Bethel welcomes dancers from near and far

The smallest Kasigluk dancer performs with his community dance group at the Cama-i Dance Festival on March 16, 2018 in Bethel, Alaska. (Photo by Amara Freeman/KYUK)

The smallest Kasigluk dancer performs with his community dance group at the Cama-i Dance Festival on March 16, 2018 in Bethel. (Photo by Amara Freeman/KYUK)

The cultural explosion that is the Cama-i Dance Festival takes place this weekend. The dancing began Friday at 5 p.m. at Bethel Regional High School and will last through the weekend until late Sunday night. Dance groups from across the region, the state, and the lower 48 are gathering to share dance, culture, tradition, and community. Across the Yukon-Kuskokwim Delta, dancers are getting ready to take the stage.

“I’ve had more people say, ‘I’m so busy! I’m just sewing, sewing, sewing,’” said Cama-i co-coordinator Linda Curda. The regional dance festival has propelled a renaissance in the regalia worn by performers.

“Qaspeqs, headdresses, both the beaded and the fur headdresses, mukluks and new dance fans, and the leather belts,” Curda listed.

This year, Cama-i is celebrating its 30-year anniversary.

“Yeah, 30 or 31,” Curda said. “It all depends on how you count.”

Each year, planning for the event begins by choosing a theme.

“When you get goosebumps, you know that it’s the right theme,” Curda explained.

And this year’s theme did just that: “Together We Dance As One.”

“And that,” Curda said, “has resonated with people in ways that I didn’t know would happen.”

Take the logo, for example. It’s carved by Bethel artist Jerry Lieb. It’s a spirit mask, representing the man who brought the region’s tribes together after the division and violence of the Bow and Arrow Wars. The man told the tribes “to put down the bow and arrows and to pick up the drum and dance.”

This year the event will include the Chefornak Dancers. The group cancelled their trip last year after Tribal Council President and Elder drummer Walter Lewis died in a snowmachine accident a few days before the festival. This year, Cama-i will be dedicated to Walter Lewis and his contributions to dance.

“His family will be here [and] his wife.
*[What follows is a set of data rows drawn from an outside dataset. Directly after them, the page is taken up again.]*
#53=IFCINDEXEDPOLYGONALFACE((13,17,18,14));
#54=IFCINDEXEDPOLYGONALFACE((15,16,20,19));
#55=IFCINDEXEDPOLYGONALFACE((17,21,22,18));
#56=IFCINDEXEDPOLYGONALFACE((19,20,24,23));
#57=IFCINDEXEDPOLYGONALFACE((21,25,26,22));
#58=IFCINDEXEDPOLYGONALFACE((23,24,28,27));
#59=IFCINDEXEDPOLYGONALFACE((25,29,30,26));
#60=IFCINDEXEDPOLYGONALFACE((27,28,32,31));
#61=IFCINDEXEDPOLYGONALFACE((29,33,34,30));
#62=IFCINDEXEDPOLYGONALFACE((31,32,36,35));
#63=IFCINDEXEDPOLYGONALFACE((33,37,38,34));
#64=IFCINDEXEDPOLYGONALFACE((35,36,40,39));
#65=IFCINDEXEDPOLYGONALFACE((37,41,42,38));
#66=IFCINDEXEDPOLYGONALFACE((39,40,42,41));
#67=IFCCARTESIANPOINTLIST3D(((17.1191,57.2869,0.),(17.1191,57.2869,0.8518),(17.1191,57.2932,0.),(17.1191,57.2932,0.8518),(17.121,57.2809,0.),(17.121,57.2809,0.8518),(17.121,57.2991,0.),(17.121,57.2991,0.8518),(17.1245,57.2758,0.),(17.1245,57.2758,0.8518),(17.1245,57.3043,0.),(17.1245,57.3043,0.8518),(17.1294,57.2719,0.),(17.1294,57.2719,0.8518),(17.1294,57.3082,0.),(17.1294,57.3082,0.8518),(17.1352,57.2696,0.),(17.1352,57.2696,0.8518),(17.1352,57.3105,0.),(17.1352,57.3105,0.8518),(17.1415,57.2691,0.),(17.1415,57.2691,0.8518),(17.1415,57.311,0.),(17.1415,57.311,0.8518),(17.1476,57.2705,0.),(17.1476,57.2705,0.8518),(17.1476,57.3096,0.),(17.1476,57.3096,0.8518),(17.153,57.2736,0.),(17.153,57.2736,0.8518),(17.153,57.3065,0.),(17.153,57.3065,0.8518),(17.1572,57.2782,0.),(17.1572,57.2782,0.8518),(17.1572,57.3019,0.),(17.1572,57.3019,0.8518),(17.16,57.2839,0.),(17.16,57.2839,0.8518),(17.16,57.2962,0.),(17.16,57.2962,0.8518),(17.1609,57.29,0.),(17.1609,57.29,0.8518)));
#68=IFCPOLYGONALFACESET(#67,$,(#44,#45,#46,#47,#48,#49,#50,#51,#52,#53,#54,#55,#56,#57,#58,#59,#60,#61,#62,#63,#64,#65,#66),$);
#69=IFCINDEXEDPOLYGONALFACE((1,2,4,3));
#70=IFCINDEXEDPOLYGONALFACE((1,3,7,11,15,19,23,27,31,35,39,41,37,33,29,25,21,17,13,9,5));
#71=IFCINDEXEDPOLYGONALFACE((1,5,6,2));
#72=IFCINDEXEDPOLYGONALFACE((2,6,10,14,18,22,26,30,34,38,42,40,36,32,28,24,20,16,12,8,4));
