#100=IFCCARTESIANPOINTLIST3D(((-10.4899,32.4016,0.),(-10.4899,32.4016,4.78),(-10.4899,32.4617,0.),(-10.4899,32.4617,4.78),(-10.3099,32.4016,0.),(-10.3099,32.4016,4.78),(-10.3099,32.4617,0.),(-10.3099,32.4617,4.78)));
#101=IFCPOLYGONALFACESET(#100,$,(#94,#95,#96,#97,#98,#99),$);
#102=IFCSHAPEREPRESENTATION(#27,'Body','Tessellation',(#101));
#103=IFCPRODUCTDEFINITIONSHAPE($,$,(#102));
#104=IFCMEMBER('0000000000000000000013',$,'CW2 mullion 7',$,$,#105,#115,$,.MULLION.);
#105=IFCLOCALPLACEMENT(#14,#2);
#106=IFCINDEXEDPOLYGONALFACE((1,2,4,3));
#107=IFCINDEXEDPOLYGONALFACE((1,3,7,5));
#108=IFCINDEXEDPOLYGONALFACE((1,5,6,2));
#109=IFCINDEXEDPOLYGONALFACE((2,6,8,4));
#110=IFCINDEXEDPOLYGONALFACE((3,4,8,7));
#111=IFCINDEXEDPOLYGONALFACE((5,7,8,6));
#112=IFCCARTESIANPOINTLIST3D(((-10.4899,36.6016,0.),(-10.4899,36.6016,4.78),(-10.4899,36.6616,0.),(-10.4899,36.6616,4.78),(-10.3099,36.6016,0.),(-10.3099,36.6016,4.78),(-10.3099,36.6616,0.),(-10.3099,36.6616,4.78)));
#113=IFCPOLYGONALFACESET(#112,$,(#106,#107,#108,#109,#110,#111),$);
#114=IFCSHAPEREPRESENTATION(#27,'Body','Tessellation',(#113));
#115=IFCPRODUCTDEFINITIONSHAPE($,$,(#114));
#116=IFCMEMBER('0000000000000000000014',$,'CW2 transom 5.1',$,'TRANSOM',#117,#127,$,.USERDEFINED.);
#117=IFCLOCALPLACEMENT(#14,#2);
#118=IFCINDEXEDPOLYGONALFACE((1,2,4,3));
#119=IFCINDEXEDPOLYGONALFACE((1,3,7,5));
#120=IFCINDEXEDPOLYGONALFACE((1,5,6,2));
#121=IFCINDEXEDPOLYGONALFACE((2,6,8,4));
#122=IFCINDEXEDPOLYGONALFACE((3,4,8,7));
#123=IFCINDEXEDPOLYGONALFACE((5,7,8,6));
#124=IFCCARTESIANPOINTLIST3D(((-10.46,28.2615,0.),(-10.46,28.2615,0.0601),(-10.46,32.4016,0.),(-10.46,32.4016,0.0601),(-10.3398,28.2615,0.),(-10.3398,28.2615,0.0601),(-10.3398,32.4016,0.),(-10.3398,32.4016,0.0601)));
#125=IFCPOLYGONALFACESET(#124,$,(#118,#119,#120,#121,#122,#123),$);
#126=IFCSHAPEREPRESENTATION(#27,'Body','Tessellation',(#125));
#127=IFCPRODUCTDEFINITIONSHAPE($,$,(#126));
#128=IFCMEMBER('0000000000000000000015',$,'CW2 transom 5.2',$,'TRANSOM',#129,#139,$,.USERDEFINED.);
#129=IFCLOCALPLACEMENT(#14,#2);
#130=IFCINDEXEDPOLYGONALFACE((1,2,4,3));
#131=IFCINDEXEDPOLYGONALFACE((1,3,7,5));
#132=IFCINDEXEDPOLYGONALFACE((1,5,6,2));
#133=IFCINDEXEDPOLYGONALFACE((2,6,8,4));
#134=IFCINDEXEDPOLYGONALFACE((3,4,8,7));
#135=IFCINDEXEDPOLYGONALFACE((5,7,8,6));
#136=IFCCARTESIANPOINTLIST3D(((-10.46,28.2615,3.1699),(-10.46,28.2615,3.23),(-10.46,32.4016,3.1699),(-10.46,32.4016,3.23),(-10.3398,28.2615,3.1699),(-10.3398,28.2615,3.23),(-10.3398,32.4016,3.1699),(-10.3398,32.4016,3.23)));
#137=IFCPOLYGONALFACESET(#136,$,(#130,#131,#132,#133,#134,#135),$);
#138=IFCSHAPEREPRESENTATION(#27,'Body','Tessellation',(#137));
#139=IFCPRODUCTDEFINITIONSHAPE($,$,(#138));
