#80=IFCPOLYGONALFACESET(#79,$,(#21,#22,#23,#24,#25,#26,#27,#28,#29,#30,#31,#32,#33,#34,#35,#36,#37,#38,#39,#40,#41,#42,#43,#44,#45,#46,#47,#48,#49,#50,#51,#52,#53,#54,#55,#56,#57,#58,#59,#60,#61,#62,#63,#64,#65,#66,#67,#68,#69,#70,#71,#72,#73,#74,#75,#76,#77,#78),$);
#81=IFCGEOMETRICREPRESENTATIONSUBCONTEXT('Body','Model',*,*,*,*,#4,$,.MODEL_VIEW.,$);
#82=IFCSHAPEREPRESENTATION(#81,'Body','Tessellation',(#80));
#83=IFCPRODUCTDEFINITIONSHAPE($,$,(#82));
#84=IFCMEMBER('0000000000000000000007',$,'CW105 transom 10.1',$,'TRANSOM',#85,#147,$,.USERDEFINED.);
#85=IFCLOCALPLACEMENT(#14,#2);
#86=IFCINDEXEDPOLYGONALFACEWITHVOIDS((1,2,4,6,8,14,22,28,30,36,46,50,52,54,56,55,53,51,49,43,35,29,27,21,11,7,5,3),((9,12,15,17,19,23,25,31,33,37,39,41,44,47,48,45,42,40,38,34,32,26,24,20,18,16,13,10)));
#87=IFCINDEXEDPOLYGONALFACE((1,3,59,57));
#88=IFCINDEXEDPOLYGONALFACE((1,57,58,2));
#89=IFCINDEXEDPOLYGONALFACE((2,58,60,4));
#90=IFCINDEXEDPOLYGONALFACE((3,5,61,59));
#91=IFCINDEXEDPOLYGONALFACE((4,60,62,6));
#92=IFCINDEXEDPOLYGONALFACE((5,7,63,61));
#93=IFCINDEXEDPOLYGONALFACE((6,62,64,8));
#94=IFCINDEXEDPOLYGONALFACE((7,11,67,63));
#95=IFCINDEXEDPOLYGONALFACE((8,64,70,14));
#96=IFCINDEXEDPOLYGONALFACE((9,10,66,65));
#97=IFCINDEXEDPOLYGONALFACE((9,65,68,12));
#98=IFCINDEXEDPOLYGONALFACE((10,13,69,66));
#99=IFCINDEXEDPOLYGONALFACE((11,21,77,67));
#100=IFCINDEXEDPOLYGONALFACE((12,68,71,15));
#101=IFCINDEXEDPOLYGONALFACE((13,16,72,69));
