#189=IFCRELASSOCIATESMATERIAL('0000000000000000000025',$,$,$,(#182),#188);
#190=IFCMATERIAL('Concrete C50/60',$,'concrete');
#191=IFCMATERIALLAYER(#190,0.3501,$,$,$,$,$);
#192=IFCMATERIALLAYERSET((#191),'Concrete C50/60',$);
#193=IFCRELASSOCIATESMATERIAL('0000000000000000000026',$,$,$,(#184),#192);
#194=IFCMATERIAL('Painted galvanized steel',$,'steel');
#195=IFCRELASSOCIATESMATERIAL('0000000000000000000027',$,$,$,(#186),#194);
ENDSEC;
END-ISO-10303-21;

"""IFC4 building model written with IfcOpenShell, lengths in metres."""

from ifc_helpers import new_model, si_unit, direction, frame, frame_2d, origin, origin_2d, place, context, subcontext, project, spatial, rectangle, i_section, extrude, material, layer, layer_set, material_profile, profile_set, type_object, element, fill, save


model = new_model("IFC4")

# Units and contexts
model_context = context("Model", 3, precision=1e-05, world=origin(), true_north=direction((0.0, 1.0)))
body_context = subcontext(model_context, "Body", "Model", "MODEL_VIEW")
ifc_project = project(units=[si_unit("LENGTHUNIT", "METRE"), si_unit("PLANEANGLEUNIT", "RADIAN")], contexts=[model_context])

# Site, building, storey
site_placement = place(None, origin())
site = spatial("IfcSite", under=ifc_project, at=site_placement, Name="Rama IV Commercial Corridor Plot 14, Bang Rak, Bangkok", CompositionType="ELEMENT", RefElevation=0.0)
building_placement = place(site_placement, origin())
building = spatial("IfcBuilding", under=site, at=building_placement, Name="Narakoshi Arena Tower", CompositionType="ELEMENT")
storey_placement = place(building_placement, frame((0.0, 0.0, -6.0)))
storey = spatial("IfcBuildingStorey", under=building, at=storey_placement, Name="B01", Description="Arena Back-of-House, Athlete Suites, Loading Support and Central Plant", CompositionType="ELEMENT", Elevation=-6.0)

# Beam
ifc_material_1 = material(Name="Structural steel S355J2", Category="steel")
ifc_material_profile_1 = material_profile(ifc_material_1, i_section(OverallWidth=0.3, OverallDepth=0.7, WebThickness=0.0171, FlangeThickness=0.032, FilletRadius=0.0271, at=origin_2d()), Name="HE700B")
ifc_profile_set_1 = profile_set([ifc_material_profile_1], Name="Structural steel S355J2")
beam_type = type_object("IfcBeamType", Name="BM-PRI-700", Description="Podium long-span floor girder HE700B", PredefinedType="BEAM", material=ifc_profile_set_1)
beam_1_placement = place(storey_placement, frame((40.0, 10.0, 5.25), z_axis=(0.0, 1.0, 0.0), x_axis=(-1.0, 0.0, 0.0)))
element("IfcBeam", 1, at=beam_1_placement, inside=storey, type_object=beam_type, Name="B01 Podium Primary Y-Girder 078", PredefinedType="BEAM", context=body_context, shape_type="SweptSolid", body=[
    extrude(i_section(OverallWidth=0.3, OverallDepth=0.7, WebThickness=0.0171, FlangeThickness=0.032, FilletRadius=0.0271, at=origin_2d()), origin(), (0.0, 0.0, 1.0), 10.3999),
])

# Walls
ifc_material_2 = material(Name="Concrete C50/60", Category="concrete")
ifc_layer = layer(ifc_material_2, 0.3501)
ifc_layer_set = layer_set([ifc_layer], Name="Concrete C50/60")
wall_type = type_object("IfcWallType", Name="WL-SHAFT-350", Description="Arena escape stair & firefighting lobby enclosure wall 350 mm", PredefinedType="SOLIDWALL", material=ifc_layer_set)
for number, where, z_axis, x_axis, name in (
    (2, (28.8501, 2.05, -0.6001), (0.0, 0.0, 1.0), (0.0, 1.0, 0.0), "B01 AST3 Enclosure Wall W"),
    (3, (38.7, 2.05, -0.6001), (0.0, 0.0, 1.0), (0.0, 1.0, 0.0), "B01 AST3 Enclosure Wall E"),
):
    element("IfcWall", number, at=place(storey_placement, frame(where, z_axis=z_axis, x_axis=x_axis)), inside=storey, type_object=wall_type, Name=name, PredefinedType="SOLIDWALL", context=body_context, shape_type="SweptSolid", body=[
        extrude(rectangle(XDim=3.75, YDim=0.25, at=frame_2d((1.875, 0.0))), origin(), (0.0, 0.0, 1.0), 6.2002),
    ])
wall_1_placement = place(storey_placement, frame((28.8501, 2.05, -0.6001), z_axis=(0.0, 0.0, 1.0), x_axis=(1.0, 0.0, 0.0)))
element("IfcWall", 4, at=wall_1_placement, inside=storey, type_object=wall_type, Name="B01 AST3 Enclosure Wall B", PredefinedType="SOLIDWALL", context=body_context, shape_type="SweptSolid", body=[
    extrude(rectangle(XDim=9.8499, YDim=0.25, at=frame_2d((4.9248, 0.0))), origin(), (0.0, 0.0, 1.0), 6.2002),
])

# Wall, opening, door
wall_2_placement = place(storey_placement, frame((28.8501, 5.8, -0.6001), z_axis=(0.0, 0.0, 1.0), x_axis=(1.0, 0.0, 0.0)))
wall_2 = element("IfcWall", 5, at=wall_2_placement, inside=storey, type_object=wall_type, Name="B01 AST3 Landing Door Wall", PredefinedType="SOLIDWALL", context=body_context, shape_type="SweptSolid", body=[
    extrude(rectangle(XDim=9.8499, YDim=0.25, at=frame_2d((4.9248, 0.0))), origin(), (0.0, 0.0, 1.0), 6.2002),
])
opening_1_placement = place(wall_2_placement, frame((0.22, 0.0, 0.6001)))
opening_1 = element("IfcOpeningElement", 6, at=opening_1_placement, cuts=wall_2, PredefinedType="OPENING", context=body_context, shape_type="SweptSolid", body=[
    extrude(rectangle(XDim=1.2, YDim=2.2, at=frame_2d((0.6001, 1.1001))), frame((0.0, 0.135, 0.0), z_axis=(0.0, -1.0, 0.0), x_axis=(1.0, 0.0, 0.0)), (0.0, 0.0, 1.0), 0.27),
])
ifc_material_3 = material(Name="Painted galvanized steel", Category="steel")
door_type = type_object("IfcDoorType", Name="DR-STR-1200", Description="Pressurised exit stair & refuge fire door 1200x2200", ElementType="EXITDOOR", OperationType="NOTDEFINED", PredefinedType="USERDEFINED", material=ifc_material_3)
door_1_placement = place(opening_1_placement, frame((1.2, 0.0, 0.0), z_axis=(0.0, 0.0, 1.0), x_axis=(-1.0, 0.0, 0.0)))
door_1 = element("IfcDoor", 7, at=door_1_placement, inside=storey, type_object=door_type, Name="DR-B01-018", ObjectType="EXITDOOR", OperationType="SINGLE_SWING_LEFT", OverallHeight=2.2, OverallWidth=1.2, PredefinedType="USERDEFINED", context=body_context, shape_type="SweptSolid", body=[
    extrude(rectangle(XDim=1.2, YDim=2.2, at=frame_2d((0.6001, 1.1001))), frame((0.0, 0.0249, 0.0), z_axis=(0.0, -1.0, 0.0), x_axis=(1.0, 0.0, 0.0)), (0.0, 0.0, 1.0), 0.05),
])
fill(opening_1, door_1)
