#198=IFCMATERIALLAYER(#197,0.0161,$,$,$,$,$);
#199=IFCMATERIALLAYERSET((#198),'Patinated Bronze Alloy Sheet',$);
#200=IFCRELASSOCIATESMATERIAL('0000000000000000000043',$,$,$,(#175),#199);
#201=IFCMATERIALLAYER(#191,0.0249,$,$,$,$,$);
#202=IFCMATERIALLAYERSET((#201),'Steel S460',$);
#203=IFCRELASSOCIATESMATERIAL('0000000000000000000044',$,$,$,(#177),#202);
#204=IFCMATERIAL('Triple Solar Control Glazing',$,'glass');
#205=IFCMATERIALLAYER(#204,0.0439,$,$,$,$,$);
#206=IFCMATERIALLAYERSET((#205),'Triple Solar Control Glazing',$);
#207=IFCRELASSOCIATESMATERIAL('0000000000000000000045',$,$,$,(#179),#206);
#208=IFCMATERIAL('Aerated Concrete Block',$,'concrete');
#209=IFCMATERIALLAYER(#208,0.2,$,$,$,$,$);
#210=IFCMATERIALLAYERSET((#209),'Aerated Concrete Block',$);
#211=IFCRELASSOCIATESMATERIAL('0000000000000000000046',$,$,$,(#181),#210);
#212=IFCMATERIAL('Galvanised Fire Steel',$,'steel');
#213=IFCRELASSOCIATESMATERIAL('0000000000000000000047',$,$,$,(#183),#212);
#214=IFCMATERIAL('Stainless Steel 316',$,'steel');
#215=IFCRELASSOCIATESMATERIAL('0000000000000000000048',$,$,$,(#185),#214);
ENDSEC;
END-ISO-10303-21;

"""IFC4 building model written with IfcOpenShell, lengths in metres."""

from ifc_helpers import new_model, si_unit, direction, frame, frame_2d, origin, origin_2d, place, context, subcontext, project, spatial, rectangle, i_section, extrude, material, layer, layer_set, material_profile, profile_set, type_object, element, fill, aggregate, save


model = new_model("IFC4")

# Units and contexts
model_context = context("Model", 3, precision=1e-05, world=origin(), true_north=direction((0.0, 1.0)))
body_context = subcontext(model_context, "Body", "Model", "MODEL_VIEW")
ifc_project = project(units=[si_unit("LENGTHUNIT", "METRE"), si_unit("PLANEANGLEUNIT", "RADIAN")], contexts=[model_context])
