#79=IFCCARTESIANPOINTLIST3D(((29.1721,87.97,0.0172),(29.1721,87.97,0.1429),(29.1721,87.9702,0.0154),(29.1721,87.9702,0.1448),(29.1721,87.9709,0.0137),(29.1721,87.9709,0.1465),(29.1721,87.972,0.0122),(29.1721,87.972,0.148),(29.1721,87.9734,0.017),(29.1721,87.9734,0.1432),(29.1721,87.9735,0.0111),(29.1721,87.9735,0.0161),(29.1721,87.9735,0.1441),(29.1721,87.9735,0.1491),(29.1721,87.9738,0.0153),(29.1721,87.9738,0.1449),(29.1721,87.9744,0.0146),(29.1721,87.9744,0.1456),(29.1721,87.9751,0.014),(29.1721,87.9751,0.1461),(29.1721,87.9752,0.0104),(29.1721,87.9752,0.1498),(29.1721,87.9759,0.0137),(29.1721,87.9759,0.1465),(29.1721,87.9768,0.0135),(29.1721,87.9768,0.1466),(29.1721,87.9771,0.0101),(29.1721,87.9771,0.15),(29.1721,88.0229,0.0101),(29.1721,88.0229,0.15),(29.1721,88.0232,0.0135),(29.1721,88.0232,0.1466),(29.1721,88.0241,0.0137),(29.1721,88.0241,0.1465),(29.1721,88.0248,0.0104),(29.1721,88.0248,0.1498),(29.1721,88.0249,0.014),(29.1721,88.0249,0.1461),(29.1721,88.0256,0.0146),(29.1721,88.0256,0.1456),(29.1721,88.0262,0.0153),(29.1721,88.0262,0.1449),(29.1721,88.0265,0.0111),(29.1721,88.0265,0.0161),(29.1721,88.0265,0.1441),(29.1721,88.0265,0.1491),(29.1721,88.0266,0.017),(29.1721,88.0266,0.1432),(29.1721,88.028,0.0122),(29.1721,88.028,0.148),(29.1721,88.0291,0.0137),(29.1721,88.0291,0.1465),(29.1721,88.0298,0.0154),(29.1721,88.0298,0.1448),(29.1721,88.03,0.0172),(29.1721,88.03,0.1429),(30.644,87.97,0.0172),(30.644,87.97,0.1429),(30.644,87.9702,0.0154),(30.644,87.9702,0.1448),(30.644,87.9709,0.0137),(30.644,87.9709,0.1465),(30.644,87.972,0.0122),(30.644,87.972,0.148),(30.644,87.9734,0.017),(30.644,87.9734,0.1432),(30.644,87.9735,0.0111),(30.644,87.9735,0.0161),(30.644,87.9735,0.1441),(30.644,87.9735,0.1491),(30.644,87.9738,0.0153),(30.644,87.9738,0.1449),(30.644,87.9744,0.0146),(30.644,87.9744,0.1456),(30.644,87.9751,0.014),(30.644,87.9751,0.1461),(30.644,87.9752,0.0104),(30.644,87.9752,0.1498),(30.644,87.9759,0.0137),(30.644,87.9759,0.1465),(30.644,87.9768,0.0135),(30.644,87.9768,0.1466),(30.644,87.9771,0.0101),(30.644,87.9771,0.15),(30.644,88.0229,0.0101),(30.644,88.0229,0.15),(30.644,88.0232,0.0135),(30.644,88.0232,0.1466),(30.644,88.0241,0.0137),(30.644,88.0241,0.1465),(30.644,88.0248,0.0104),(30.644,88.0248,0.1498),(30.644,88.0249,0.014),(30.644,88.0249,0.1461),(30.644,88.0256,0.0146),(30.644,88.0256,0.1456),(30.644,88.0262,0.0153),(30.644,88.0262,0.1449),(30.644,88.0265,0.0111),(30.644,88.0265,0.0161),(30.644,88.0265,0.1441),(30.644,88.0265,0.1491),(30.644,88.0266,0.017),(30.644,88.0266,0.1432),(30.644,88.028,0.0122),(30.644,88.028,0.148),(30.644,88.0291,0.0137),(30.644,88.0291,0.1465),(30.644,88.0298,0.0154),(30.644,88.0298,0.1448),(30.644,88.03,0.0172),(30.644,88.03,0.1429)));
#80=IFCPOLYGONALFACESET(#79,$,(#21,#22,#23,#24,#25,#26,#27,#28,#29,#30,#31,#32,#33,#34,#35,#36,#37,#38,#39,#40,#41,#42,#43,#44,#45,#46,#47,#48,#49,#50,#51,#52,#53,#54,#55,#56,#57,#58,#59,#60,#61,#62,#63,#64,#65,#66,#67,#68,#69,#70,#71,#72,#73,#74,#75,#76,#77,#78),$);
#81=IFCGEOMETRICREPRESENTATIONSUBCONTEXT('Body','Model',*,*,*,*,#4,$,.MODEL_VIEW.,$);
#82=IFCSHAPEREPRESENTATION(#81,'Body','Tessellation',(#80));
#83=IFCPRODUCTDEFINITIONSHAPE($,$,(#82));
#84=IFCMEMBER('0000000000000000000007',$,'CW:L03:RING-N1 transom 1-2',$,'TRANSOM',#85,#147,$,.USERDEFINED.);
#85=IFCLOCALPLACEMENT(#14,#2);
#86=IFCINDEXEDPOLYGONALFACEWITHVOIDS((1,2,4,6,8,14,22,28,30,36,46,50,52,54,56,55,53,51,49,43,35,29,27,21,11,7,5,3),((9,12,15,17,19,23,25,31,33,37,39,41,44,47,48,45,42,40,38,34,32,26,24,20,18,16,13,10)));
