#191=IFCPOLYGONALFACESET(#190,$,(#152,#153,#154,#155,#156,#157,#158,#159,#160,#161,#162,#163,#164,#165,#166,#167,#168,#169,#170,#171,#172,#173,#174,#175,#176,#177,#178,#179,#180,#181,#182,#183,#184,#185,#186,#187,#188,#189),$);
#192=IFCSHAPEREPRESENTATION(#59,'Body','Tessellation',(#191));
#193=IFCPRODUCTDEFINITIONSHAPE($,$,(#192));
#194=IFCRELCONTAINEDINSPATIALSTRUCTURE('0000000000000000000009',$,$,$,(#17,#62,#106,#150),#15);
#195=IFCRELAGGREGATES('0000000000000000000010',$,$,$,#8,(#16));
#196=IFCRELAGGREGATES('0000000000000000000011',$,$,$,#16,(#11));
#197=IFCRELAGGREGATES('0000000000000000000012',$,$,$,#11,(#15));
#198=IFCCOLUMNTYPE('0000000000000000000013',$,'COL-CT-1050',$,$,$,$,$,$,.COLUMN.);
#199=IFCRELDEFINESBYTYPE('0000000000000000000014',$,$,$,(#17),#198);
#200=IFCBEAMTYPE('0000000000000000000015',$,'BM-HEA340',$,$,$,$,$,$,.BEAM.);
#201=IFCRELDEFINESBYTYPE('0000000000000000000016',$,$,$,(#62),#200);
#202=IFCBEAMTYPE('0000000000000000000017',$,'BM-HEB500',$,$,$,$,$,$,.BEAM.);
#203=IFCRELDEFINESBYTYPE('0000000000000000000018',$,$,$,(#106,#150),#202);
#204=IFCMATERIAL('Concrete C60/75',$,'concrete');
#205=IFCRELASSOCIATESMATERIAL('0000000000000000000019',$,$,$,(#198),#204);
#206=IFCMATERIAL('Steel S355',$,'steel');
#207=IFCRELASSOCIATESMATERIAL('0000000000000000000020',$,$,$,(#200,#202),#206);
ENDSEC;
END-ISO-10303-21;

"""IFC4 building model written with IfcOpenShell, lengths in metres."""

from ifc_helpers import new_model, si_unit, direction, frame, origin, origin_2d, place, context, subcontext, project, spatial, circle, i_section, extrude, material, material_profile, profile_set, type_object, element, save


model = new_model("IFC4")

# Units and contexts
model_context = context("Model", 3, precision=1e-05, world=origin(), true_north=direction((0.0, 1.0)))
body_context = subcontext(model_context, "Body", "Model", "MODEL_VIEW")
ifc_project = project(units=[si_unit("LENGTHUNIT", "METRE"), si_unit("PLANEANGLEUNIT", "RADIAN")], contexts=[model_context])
Ossi Kairaiuak, who is with Pamyua, has written some original music to honor Walter Lewis,” Curda said.

That performance is Friday at 8:30 p.m. Soon after, another group that has not been at the festival for over a decade will dance on the Cama-i stage. The Scammon Bay Dancers are returning for the first time since their famous and charismatic leader Maryann Sundown passed away 12 years ago.

“We used to call her ‘The Dance Diva of the Delta,’” remembered Curda.

Sundown used dance as entertainment, as a way to make people laugh. She filled rooms with delight, captivating audiences with her comedic moves and expressive style.

Another regional group this year is the Kwethluk dancers.

“And I reached out to Olga Uttereyuk. She started to talk about what dance meant to her and their community, and she told the story of Joe Ayagarak, from Bethel, going to Kwethluk in 1984 and reviving dancing for Kwethluk,” Curda shared. “And they haven’t stopped dancing since then.”

Joe Ayagarak Jr. is from Chevak, and has lived in Bethel a long time, where he’s led various dance groups. His current group is one of the largest in the region, with more than 40 people. This year, he’s being honored as Cama-i’s “Living Treasure.”

“Living in Bethel, he really has become the Bethel holder of song and drumming and dance,” Curda described.

Other regional groups this year are Kalskag and Tuluksak. Toksook Bay singer and drummer Byron Nicholai from “I am Yup’ik” will perform. Many Bethel groups will also be dancing, including the UAF Kuskokwim Campus Dancers. Last year, beloved campus director Mary Pete died. In her honor, the dancers will be performing a traditional song from Mary Pete’s community of Stebbins.

Beyond dancing, there will be other Cama-i favorites like vendors selling crafts, the Heart of the Drums, the Fur Fashion Show, and the Native Foods Dinner.

The dinner serves about 700 people every year, starting with Elders, moving to dancers, and then to the public.